Dinge der Woche: Corona verbreitet sich überall,
nur nicht in unseren Fussballstadien. Die Deutschen horten Tütensuppen
statt Thomas-Mann-Romane. Und Meerschweinchen sind ausverkauft.
Das
Deutschland immer noch das gelobte Land der Dichter und Denker
ist, kann man an der Tatsache erkennen, dass aus Angst vor der
weiteren Ausbreitung des Coronavirus ruck zuck die Leipziger
Buchmesse abgesagt worden ist, nicht aber diverse Fussballspiele
wie die angebliche Spitzenbegegnung Stuttgart gegen Bielefeld.
Das
beweist zum einen, dass so ein Strafraum kein Sperrgebiet sein
muss, Geisterspiele mindestens so angsteinflössend sind wie
Südtirol-Rückkehrer sind und Bielefeld kein Gerücht ist, sondern
eine schwere Heimsuchung, gegen die man sich in der Zweiten
Bundesliga noch nicht impfen lassen kann.

Andererseits
wird der Besitz von Büchern heutzutage schon als gefährliche
Vorerkrankung eingestuft, weshalb von der Lektüre bakterieller
Belleristik dringend abgeraten wird.
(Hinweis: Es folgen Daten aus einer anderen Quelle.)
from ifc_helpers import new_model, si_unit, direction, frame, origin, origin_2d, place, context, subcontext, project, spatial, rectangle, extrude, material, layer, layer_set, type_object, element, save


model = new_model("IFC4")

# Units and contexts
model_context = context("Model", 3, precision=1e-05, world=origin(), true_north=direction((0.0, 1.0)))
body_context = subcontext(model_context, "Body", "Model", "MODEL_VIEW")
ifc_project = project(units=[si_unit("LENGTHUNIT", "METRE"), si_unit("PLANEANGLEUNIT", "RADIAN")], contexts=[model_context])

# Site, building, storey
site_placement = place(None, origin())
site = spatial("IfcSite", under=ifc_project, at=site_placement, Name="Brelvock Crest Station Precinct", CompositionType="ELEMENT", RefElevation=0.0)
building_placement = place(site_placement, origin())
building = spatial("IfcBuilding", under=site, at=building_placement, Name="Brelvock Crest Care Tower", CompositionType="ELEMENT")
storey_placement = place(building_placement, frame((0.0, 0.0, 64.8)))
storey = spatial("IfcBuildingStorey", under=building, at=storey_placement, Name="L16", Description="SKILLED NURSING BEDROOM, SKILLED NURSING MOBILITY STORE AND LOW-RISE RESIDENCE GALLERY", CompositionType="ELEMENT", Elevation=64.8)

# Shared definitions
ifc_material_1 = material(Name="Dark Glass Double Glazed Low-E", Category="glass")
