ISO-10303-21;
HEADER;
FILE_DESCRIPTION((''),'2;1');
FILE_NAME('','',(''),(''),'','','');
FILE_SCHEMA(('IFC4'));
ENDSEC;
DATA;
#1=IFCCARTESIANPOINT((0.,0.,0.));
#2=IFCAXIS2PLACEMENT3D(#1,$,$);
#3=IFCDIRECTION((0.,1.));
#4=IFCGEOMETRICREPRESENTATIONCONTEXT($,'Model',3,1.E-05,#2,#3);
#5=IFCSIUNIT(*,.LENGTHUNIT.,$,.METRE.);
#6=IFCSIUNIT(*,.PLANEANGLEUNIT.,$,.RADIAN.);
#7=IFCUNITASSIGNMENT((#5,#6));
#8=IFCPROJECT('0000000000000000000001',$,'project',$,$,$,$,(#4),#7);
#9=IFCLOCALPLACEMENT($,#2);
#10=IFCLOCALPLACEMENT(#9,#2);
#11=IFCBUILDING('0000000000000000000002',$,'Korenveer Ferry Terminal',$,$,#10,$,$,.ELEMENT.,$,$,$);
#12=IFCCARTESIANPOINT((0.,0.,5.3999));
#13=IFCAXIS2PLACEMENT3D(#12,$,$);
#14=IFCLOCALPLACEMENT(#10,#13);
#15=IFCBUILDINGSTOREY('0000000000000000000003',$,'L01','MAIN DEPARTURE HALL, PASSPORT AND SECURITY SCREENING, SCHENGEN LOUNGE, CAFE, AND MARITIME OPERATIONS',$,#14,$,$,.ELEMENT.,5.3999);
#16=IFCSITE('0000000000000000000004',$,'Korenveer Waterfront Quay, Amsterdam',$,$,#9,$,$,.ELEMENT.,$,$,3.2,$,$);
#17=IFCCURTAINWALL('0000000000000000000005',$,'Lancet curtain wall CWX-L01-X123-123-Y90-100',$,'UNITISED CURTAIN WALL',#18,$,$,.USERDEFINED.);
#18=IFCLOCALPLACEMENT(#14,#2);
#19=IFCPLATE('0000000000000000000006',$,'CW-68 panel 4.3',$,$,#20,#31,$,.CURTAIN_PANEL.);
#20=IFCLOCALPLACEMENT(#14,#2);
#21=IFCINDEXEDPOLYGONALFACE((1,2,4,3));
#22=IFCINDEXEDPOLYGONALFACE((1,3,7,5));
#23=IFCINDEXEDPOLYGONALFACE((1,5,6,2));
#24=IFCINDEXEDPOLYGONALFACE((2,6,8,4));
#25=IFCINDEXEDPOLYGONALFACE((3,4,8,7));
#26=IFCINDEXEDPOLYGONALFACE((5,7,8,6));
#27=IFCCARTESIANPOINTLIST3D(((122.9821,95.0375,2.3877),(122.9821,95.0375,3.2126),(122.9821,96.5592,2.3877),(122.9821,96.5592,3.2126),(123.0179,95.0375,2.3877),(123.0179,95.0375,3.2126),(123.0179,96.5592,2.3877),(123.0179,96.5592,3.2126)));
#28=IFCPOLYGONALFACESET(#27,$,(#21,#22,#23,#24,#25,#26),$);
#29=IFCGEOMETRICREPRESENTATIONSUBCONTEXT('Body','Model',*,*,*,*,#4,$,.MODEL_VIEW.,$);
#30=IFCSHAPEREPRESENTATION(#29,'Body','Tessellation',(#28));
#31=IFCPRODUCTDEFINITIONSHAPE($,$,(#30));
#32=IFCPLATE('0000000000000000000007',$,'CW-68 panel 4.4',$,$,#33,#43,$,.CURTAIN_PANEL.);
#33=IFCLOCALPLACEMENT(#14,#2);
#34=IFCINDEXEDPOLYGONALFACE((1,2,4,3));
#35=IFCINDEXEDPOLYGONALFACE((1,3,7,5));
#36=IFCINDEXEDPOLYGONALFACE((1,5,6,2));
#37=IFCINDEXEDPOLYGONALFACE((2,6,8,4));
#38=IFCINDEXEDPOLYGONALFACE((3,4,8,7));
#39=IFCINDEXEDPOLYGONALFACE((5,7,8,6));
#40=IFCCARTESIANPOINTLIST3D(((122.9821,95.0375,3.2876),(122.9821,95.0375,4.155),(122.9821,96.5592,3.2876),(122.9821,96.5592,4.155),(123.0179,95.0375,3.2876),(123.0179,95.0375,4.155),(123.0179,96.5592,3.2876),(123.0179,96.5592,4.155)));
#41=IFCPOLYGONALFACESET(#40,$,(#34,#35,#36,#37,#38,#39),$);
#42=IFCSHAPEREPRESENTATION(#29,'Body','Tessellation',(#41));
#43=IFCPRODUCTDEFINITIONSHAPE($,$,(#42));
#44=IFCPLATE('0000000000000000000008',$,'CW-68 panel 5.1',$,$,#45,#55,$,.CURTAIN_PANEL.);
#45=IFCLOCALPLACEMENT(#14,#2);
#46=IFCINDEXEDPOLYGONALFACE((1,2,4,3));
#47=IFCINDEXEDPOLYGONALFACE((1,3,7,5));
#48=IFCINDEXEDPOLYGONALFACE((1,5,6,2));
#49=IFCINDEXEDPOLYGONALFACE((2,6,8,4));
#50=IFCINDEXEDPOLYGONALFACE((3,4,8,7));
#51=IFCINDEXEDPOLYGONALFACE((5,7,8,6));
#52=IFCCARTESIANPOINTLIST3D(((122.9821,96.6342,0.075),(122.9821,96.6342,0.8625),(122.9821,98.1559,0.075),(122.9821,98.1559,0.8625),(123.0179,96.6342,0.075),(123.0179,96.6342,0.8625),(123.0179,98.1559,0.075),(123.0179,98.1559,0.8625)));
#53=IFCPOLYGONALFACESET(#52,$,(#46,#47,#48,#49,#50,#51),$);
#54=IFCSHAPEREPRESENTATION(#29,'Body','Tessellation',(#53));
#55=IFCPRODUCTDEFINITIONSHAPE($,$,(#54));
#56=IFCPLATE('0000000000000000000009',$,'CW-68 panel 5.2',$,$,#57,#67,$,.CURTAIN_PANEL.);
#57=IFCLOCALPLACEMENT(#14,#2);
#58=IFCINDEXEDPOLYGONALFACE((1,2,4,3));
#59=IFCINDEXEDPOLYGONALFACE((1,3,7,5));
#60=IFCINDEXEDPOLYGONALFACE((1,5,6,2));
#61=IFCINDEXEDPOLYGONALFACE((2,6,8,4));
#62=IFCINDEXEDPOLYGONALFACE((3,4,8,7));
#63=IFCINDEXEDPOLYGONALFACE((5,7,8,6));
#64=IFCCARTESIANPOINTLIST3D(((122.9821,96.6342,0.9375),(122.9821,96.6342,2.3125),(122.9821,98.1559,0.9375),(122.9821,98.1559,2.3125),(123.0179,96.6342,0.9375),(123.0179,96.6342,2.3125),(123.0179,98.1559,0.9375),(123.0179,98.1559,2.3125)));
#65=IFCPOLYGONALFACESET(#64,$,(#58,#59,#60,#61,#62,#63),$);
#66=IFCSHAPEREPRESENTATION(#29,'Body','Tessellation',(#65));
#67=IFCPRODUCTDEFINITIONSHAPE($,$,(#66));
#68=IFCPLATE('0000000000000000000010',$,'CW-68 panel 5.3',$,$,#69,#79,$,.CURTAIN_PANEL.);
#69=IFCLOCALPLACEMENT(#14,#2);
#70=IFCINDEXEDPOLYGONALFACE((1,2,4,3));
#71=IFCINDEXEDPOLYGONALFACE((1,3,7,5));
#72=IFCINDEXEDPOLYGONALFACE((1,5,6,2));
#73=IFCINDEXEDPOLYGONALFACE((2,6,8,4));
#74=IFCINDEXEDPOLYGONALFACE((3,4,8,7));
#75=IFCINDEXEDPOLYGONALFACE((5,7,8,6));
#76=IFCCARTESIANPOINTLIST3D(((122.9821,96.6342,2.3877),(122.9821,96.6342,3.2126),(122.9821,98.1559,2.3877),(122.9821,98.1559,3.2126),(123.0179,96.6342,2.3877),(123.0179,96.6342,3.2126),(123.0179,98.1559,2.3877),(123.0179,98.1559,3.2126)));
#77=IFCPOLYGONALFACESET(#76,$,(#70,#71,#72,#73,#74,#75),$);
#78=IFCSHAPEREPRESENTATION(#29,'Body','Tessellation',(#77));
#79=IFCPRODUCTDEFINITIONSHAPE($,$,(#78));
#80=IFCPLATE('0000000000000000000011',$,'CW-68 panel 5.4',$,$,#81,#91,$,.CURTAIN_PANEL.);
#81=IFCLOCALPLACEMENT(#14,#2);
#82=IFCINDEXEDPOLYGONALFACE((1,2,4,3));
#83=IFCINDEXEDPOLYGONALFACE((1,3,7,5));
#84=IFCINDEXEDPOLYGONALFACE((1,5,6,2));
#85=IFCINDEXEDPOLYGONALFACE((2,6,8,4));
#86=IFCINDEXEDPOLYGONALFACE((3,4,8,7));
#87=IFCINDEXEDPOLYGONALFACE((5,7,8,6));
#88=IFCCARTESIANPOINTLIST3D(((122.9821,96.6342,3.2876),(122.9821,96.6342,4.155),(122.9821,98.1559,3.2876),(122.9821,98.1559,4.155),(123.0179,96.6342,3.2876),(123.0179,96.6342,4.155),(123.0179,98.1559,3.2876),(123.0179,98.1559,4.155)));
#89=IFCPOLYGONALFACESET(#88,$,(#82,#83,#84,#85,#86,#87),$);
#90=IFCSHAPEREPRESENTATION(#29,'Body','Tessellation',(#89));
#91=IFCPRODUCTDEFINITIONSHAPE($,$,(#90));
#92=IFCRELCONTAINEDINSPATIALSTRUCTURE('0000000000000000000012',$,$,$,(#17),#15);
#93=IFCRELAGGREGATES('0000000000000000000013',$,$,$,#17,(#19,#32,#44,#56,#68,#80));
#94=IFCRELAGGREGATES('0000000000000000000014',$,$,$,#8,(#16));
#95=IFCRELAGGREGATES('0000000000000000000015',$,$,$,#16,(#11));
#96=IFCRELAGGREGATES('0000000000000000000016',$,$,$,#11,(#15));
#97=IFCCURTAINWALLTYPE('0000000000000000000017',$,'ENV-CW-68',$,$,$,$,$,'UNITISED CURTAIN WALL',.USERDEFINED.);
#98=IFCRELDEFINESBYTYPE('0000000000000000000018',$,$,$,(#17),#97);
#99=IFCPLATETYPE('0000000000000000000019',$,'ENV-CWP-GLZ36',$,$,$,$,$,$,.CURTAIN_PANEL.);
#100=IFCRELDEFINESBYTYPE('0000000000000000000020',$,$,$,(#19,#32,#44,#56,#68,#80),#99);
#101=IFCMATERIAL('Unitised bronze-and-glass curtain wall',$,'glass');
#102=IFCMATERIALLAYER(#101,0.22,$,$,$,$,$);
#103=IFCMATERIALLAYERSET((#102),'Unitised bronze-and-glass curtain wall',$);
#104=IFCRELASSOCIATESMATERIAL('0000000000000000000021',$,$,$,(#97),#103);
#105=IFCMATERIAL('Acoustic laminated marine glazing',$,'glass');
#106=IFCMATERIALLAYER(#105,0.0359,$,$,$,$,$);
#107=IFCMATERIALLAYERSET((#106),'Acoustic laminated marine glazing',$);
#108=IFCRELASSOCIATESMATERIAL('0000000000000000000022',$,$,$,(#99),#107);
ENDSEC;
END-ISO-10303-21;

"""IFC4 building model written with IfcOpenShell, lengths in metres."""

from ifc_helpers import new_model, si_unit, direction, frame, origin, origin_2d, place, context, subcontext, project, spatial, rectangle, extrude, material, layer, layer_set, type_object, element, aggregate, save


model = new_model("IFC4")

# Units and contexts
model_context = context("Model", 3, precision=1e-05, world=origin(), true_north=direction((0.0, 1.0)))
body_context = subcontext(model_context, "Body", "Model", "MODEL_VIEW")
ifc_project = project(units=[si_unit("LENGTHUNIT", "METRE"), si_unit("PLANEANGLEUNIT", "RADIAN")], contexts=[model_context])

# Site, building, storey
site_placement = place(None, origin())
site = spatial("IfcSite", under=ifc_project, at=site_placement, Name="Korenveer Waterfront Quay, Amsterdam", CompositionType="ELEMENT", RefElevation=3.2)
building_placement = place(site_placement, origin())
building = spatial("IfcBuilding", under=site, at=building_placement, Name="Korenveer Ferry Terminal", CompositionType="ELEMENT")
storey_placement = place(building_placement, frame((0.0, 0.0, 5.3999)))
storey = spatial("IfcBuildingStorey", under=building, at=storey_placement, Name="L01", Description="MAIN DEPARTURE HALL, PASSPORT AND SECURITY SCREENING, SCHENGEN LOUNGE, CAFE, AND MARITIME OPERATIONS", CompositionType="ELEMENT", Elevation=5.3999)

# Curtain wall, plates
ifc_material_1 = material(Name="Unitised bronze-and-glass curtain wall", Category="glass")
ifc_layer_1 = layer(ifc_material_1, 0.22)
ifc_layer_set_1 = layer_set([ifc_layer_1], Name="Unitised bronze-and-glass curtain wall")
curtain_wall_type = type_object("IfcCurtainWallType", Name="ENV-CW-68", ElementType="UNITISED CURTAIN WALL", PredefinedType="USERDEFINED", material=ifc_layer_set_1)
curtain_wall_placement = place(storey_placement, frame((123.0, 90.21, 0.0)))
curtain_wall = element("IfcCurtainWall", 1, at=curtain_wall_placement, inside=storey, type_object=curtain_wall_type, Name="Lancet curtain wall CWX-L01-X123-123-Y90-100", ObjectType="UNITISED CURTAIN WALL", PredefinedType="USERDEFINED")
ifc_material_2 = material(Name="Acoustic laminated marine glazing", Category="glass")
ifc_layer_2 = layer(ifc_material_2, 0.0359)
ifc_layer_set_2 = layer_set([ifc_layer_2], Name="Acoustic laminated marine glazing")
plate_type = type_object("IfcPlateType", Name="ENV-CWP-GLZ36", PredefinedType="CURTAIN_PANEL", material=ifc_layer_set_2)
plate_1_placement = place(storey_placement, frame((123.0, 95.7983, 2.3877), z_axis=(0.0, 0.0, 1.0), x_axis=(0.0, 1.0, 0.0)))
plate_1 = element("IfcPlate", 2, at=plate_1_placement, type_object=plate_type, Name="CW-68 panel 4.3", PredefinedType="CURTAIN_PANEL", context=body_context, shape_type="SweptSolid", body=[
    extrude(rectangle(XDim=1.5217, YDim=0.0359, at=origin_2d()), origin(), (0.0, 0.0, 1.0), 0.825),
])
plate_2_placement = place(storey_placement, frame((123.0, 95.7983, 3.2876), z_axis=(0.0, 0.0, 1.0), x_axis=(0.0, 1.0, 0.0)))
plate_2 = element("IfcPlate", 3, at=plate_2_placement, type_object=plate_type, Name="CW-68 panel 4.4", PredefinedType="CURTAIN_PANEL", context=body_context, shape_type="SweptSolid", body=[
    extrude(rectangle(XDim=1.5217, YDim=0.0359, at=origin_2d()), origin(), (0.0, 0.0, 1.0), 0.8674),
])
plate_3_placement = place(storey_placement, frame((123.0, 97.395, 0.075), z_axis=(0.0, 0.0, 1.0), x_axis=(0.0, 1.0, 0.0)))
plate_3 = element("IfcPlate", 4, at=plate_3_placement, type_object=plate_type, Name="CW-68 panel 5.1", PredefinedType="CURTAIN_PANEL", context=body_context, shape_type="SweptSolid", body=[
    extrude(rectangle(XDim=1.5217, YDim=0.0359, at=origin_2d()), origin(), (0.0, 0.0, 1.0), 0.7876),
])
plate_4_placement = place(storey_placement, frame((123.0, 97.395, 0.9375), z_axis=(0.0, 0.0, 1.0), x_axis=(0.0, 1.0, 0.0)))
plate_4 = element("IfcPlate", 5, at=plate_4_placement, type_object=plate_type, Name="CW-68 panel 5.2", PredefinedType="CURTAIN_PANEL", context=body_context, shape_type="SweptSolid", body=[
    extrude(rectangle(XDim=1.5217, YDim=0.0359, at=origin_2d()), origin(), (0.0, 0.0, 1.0), 1.375),
])
plate_5_placement = place(storey_placement, frame((123.0, 97.395, 2.3877), z_axis=(0.0, 0.0, 1.0), x_axis=(0.0, 1.0, 0.0)))
plate_5 = element("IfcPlate", 6, at=plate_5_placement, type_object=plate_type, Name="CW-68 panel 5.3", PredefinedType="CURTAIN_PANEL", context=body_context, shape_type="SweptSolid", body=[
    extrude(rectangle(XDim=1.5217, YDim=0.0359, at=origin_2d()), origin(), (0.0, 0.0, 1.0), 0.825),
])
plate_6_placement = place(storey_placement, frame((123.0, 97.395, 3.2876), z_axis=(0.0, 0.0, 1.0), x_axis=(0.0, 1.0, 0.0)))
plate_6 = element("IfcPlate", 7, at=plate_6_placement, type_object=plate_type, Name="CW-68 panel 5.4", PredefinedType="CURTAIN_PANEL", context=body_context, shape_type="SweptSolid", body=[
    extrude(rectangle(XDim=1.5217, YDim=0.0359, at=origin_2d()), origin(), (0.0, 0.0, 1.0), 0.8674),
])
aggregate(curtain_wall, [plate_1, plate_2, plate_3, plate_4, plate_5, plate_6])

save(model, "model.ifc")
Wer als halbtoter Bildungsbürger
alter Schule das "Decamerone" von Giovanni Boccaccio
im Billy-Regal stehen hat, ein derzeit viel zitiertes Werk der
Weltliteratur, welches der Florentiner 1348 vor dem Hintergrund
des Pestepidemie schrieb, gilt als Risikopatient mit italophiler
Infektionskette und muss zwei Wochen besser zwei Jahre unter
Quarantäne gestellt werden.
Stadionbesuche
hingegen förderten, so heisst es vielerorts, die Frischluftzufuhr
im Verein und den sozialen Zusammenhalt der ohnehin gespaltenen
deutschen Gesellschaft, die seit einer anderen unheilbaren Viruserkrankung
auf dem einem Auge annähernd blind ist. Das reicht aber noch
nicht für ein telefonisches Attest.
Zu
den empfohlenen antiviralen Massnahmen gehört für alle Fussballfans
bis auf Weiteres: Beim Tor der eigenen Mannschaft bitte in die
Armbeuge gröhlen! Die Stadionwurst vor dem Verzehr in Alkohol
tunken! Und vor und nach dem Schmähgesang gegen Dietmar Hopp
möglichst auf die Mundhygiene achten und mit Kernseife ausgiebig
spülen!
Jens Spahn hat jedenfalls alles
unter Kontrolle. Er wirkt noch jung, gesund, unbelesen und gibt
jedem Kiez-Virologen die Ghetto-Faust. Der Bundesminister für
Krankheit hat sich lediglich ein Selfie-Stopp verordnet. Für
ihn ein riesiges Opfer. Doch Panik sei fehl am Platze, sagen
alle. Das gilt übrigens auch für den Humor. Unachtsames Lachen
scheint ansteckend zu sein - anders als eine Grossveranstaltung
im Volkssport. Die Grünen überlegen deswegen, alle Satiriker,
die sich nicht über Friedrich Merz, Woody Allen oder ähnlich
alte weisse Männer lustig machen, verbieten zu lassen. Kurzum,
2015 darf sich nicht wiederholen!

Dass
die Kultur eine wichtige Rolle spielt, sieht man auch im Handel,
wo Tütensuppen und Toilettenpapier statt Thomas-Mann-Romane
über lungenkranke Helden ausverkauft sind. Die Hamsterverkäufe
sind glücklicherweise seltener geworden, dafür sind jetzt die
Meerschweinchen dran. Renommierte Buchverlage überlegen aus
wirtschaftlichen Gründen, künftig ihre Bestseller auf ungebleichtem
Klopapier drucken zu lassen. Die Krise macht erfinderisch. Notfalls
können auch Glossen wie diese in der Nasszelle zum Einsatz kommen.
Danach aber unnnbedingt die Hände waschen!